我が国の科学技術と産業の競争力の向上のためには、高性能スーパーコンピュータとその能力を十分に引き出すためのアプリケーションの研究開発及び利用が極めて重要であり、これを精力的かつ戦略的に推進していく必要がある。
このためには関係者が以下の諸点を認識し、それぞれの立場から、課題の解決と新たな課題への挑戦のために積極的に行動すべきである。
一、(新分野、新手法への挑戦)
科学技術のブレークスルーをもたらすためには、理論や実験・観測に携わる研究者と計算科学者、計算機科学者及び数理科学者が連携して、新領域・融合領域の課題や新たな手法に積極的に挑戦していくことが重要である。
一、(アプリケーションの開発と普及のための戦略)
上記の成果を、我が国の科学技術と産業の競争力強化や社会、国民の利益に繋げていくためには、アプリケーション・ソフトウェアの開発と普及のための戦略が重要となる。計算機システム開発とアプリケーション開発の整合をとることはもちろん、アプリケーション開発とその成果の技術移転のための産学連携体制の構築や開発されたアプリケーション・ソフトウェアの改良・保証を促進するためのシステム等が必要である。
一、(利用環境とサイバー・サイエンス・インフラストラクチャ)
大学、研究機関及び企業の研究者や技術者に高水準のスーパーコンピュータ利用環境を提供することは、我が国の国際競争力強化にとって極めて重要である。将来の次世代スーパーコンピュータの利用体制のみならず、重層的なスーパーコンピュータ利用環境を提供するサイバー・サイエンス・インフラストラクチャの構築と整備に向けた諸課題に取り組むことが急務である。
一、(人材)
基礎科学や数理科学・計算機科学の研究者からエンジニアまで、計算科学の発展のために必要な人材は多種多様な領域に亘るが、最も重要なのは、複数の専門領域を理解し、融合領域や新領域に果敢に挑戦していく人材である。計算科学に関連するこのような人材が育成され、活躍できる環境を醸成していくためのあらゆる努力が求められている。
一、(研究開発コミュニティの形成とCOEの構築)
計算機資源や大規模データを有効に利用しつつ、革新的な研究開発及び人材育成に効果的に取り組んでいくためには、開かれた研究開発コミュニティの形成及び異分野領域の研究者間の交流促進や先端的な研究開発環境を提供するCOEの構築が重要である。
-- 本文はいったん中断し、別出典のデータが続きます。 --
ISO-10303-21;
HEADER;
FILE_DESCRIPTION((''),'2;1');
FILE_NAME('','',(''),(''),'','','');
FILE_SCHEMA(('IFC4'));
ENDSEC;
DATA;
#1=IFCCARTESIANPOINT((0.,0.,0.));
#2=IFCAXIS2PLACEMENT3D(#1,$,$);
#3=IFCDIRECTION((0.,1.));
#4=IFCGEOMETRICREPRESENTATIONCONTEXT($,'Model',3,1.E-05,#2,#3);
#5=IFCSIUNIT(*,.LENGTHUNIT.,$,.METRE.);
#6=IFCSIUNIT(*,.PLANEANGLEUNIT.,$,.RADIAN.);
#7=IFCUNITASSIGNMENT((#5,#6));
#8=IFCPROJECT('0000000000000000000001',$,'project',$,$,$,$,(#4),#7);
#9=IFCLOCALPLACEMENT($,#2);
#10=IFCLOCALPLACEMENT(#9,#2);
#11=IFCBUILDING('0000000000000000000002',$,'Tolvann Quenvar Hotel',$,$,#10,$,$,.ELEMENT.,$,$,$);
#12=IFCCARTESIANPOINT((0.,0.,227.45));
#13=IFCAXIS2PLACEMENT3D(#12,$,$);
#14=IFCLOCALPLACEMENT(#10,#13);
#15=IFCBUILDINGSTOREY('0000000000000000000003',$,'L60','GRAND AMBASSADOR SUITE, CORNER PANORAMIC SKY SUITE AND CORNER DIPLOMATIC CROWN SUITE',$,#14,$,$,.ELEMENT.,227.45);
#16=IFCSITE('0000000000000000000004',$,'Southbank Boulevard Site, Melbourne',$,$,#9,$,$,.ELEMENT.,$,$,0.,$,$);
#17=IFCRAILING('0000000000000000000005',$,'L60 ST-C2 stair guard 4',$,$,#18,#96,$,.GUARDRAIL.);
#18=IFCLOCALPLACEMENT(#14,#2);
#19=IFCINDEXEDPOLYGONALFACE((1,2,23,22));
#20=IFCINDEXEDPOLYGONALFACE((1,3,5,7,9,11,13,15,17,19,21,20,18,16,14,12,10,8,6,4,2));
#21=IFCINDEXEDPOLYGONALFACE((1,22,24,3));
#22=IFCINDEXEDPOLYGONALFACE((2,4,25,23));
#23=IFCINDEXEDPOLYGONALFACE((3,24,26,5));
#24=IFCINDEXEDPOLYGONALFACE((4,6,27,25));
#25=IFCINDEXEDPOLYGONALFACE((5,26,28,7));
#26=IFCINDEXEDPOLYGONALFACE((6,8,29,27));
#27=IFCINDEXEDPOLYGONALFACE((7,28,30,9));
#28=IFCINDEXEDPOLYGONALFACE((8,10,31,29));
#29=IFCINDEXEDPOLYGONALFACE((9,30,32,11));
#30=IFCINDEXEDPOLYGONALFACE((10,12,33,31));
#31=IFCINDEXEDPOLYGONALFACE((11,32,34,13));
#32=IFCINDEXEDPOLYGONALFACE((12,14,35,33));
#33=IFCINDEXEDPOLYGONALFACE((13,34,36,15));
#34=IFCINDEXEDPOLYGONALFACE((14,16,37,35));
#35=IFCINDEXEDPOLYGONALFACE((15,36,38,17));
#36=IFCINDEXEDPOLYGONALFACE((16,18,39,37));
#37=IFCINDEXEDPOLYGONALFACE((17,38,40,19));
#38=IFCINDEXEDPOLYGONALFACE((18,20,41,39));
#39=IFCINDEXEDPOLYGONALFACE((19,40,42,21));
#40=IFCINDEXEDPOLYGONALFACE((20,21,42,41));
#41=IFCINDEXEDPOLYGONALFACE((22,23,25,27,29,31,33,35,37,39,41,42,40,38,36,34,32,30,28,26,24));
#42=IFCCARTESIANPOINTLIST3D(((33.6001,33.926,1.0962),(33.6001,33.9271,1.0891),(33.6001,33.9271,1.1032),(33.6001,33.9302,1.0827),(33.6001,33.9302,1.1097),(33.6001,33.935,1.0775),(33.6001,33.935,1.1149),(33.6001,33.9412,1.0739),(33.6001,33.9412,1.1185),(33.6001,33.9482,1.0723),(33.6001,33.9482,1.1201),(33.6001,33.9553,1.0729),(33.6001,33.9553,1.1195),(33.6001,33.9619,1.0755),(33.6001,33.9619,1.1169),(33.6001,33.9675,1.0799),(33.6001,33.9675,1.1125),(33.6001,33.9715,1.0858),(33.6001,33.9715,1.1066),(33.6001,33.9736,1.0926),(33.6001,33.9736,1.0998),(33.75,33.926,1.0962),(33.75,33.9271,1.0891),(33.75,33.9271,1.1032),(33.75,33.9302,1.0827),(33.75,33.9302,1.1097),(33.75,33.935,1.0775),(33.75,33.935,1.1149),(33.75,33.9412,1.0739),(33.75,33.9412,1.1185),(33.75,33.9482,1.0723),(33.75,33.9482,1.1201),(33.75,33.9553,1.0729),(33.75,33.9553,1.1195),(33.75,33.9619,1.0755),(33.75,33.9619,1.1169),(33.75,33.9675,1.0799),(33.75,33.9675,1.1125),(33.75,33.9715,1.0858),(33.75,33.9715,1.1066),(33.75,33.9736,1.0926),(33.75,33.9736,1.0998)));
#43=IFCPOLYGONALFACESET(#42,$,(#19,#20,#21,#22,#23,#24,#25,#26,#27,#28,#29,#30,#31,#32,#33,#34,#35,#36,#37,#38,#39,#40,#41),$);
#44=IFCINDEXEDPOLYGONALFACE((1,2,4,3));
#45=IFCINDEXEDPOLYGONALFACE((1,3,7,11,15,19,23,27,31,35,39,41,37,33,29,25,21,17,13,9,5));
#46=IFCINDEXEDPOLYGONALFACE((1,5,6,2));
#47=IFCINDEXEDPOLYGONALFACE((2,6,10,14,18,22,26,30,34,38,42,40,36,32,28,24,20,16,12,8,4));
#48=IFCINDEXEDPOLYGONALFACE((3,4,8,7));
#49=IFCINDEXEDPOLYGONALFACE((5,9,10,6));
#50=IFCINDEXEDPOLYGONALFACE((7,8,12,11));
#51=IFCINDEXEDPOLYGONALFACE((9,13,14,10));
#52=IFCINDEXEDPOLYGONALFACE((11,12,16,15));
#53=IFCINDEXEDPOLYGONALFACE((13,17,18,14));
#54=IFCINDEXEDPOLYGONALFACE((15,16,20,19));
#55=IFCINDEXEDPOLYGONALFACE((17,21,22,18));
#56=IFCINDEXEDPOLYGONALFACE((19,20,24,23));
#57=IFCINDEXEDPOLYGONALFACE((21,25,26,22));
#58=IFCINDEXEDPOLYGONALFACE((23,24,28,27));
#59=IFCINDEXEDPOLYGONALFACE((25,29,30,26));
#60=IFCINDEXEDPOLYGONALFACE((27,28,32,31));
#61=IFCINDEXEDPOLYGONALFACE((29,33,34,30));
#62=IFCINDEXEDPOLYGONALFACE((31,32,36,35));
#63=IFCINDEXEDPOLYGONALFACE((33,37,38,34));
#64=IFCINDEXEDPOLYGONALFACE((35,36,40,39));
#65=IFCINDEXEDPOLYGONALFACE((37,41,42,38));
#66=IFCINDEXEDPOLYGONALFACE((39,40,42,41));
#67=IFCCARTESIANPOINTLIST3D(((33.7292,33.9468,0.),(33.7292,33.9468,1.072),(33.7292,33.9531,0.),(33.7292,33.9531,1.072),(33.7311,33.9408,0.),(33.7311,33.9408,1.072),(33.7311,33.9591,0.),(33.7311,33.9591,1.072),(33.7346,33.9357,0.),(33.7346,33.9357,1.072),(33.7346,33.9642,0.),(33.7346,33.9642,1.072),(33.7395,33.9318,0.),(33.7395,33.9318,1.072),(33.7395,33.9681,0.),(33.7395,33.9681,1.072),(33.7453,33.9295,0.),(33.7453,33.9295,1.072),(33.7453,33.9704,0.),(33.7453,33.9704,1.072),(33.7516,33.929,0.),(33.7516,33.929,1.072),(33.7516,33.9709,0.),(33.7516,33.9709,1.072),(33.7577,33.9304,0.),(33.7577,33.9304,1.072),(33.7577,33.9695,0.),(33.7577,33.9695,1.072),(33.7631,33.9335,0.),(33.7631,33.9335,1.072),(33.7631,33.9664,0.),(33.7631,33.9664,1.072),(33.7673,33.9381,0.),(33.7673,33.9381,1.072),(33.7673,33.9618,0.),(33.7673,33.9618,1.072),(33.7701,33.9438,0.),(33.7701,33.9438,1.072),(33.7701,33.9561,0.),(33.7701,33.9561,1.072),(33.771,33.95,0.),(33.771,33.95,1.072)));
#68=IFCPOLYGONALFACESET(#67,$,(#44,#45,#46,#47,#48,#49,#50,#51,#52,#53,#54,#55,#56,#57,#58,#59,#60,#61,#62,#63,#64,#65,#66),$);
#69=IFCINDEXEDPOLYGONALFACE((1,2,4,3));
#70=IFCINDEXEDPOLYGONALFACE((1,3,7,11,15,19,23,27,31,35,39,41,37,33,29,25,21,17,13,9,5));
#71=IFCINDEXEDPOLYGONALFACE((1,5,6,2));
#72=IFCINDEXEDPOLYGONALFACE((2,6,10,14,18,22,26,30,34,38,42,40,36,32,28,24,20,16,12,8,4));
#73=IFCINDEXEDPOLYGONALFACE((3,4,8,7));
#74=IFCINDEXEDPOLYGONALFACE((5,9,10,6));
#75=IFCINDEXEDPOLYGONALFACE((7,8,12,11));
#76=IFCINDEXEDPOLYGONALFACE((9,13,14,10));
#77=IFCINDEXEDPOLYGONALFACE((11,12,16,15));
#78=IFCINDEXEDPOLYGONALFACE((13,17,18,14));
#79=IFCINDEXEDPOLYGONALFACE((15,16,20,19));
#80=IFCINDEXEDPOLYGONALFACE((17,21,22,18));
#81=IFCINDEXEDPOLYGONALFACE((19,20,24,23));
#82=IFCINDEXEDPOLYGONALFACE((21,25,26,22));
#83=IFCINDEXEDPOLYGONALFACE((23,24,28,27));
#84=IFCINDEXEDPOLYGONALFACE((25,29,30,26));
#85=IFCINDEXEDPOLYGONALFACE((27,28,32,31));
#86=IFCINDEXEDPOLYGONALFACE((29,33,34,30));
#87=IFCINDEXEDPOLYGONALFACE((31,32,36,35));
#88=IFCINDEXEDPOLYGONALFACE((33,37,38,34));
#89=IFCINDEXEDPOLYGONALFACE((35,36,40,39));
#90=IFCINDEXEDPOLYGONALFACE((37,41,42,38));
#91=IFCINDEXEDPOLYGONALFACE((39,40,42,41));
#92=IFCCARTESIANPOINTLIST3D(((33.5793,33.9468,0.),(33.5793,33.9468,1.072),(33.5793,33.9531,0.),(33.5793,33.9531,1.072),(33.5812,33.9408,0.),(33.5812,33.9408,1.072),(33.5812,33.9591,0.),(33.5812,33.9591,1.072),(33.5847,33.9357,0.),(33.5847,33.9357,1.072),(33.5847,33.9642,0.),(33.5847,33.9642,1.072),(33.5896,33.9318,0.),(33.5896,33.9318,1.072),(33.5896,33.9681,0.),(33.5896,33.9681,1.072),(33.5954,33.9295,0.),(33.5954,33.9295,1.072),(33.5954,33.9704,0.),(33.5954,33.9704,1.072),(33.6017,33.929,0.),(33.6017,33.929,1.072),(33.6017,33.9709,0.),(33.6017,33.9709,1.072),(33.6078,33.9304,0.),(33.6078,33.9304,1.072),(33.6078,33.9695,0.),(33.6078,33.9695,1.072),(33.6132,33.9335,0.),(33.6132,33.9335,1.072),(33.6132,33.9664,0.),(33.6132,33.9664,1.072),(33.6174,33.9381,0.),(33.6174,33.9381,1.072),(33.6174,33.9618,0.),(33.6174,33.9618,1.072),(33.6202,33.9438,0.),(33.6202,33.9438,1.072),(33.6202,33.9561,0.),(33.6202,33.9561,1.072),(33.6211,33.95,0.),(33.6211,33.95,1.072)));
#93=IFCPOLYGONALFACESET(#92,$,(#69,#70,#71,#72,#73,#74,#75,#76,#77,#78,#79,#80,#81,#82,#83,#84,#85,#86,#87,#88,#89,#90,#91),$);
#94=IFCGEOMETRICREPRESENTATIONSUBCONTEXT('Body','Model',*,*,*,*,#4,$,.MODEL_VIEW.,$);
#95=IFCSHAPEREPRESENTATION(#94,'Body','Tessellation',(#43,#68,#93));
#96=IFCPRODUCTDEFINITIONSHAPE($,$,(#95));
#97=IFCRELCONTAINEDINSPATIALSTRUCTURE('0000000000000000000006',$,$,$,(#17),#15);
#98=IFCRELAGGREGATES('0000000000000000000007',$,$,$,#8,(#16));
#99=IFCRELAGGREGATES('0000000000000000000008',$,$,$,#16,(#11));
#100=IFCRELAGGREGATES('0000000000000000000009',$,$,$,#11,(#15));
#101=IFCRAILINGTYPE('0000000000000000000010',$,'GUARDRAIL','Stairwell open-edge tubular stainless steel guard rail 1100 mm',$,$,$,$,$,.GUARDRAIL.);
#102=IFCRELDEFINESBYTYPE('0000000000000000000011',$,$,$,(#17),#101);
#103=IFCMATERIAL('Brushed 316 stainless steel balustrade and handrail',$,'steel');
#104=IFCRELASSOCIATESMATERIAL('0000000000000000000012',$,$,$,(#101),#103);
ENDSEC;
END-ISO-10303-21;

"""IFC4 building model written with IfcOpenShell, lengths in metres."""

from ifc_helpers import new_model, si_unit, direction, frame, origin, origin_2d, place, context, subcontext, project, spatial, circle, extrude, material, type_object, element, save


model = new_model("IFC4")

# Units and contexts
model_context = context("Model", 3, precision=1e-05, world=origin(), true_north=direction((0.0, 1.0)))
body_context = subcontext(model_context, "Body", "Model", "MODEL_VIEW")
ifc_project = project(units=[si_unit("LENGTHUNIT", "METRE"), si_unit("PLANEANGLEUNIT", "RADIAN")], contexts=[model_context])

# Site, building, storey
site_placement = place(None, origin())
site = spatial("IfcSite", under=ifc_project, at=site_placement, Name="Southbank Boulevard Site, Melbourne", CompositionType="ELEMENT", RefElevation=0.0)
building_placement = place(site_placement, origin())
building = spatial("IfcBuilding", under=site, at=building_placement, Name="Tolvann Quenvar Hotel", CompositionType="ELEMENT")
storey_placement = place(building_placement, frame((0.0, 0.0, 227.45)))
storey = spatial("IfcBuildingStorey", under=building, at=storey_placement, Name="L60", Description="GRAND AMBASSADOR SUITE, CORNER PANORAMIC SKY SUITE AND CORNER DIPLOMATIC CROWN SUITE", CompositionType="ELEMENT", Elevation=227.45)

# Railing
ifc_material_1 = material(Name="Brushed 316 stainless steel balustrade and handrail", Category="steel")
railing_type_1 = type_object("IfcRailingType", Name="GUARDRAIL", Description="Stairwell open-edge tubular stainless steel guard rail 1100 mm", PredefinedType="GUARDRAIL", material=ifc_material_1)
railing_1_placement = place(storey_placement, frame((33.75, 33.95, 0.0)))
element("IfcRailing", 1, at=railing_1_placement, inside=storey, type_object=railing_type_1, Name="L60 ST-C2 stair guard 4", PredefinedType="GUARDRAIL", context=body_context, shape_type="SweptSolid", body=[
    extrude(circle(Radius=0.0239, at=origin_2d()), frame((0.0, 0.0, 1.0962), z_axis=(-1.0, 0.0, 0.0), x_axis=(0.0, -1.0, 0.0)), (0.0, 0.0, 1.0), 0.1499),
    extrude(circle(Radius=0.021, at=origin_2d()), origin(), (0.0, 0.0, 1.0), 1.072),
    extrude(circle(Radius=0.021, at=origin_2d()), frame((-0.1499, 0.0, 0.0)), (0.0, 0.0, 1.0), 1.072),
])

save(model, "model.ifc")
次世代スーパーコンピュータを核として構築するCOEが、各分野の研究開発コミュニティと密接に連携し、スーパーコンピュータの開発と利用の体制を構築していくことが必要である。
次世代スーパーコンピュータの開発利用プロジェクトの推進にあたっては、我が国のこれまでのスーパーコンピュータの開発と利用における様々な経験や教訓を十分に踏まえ、上記の諸点を実現していくことを強く期待する。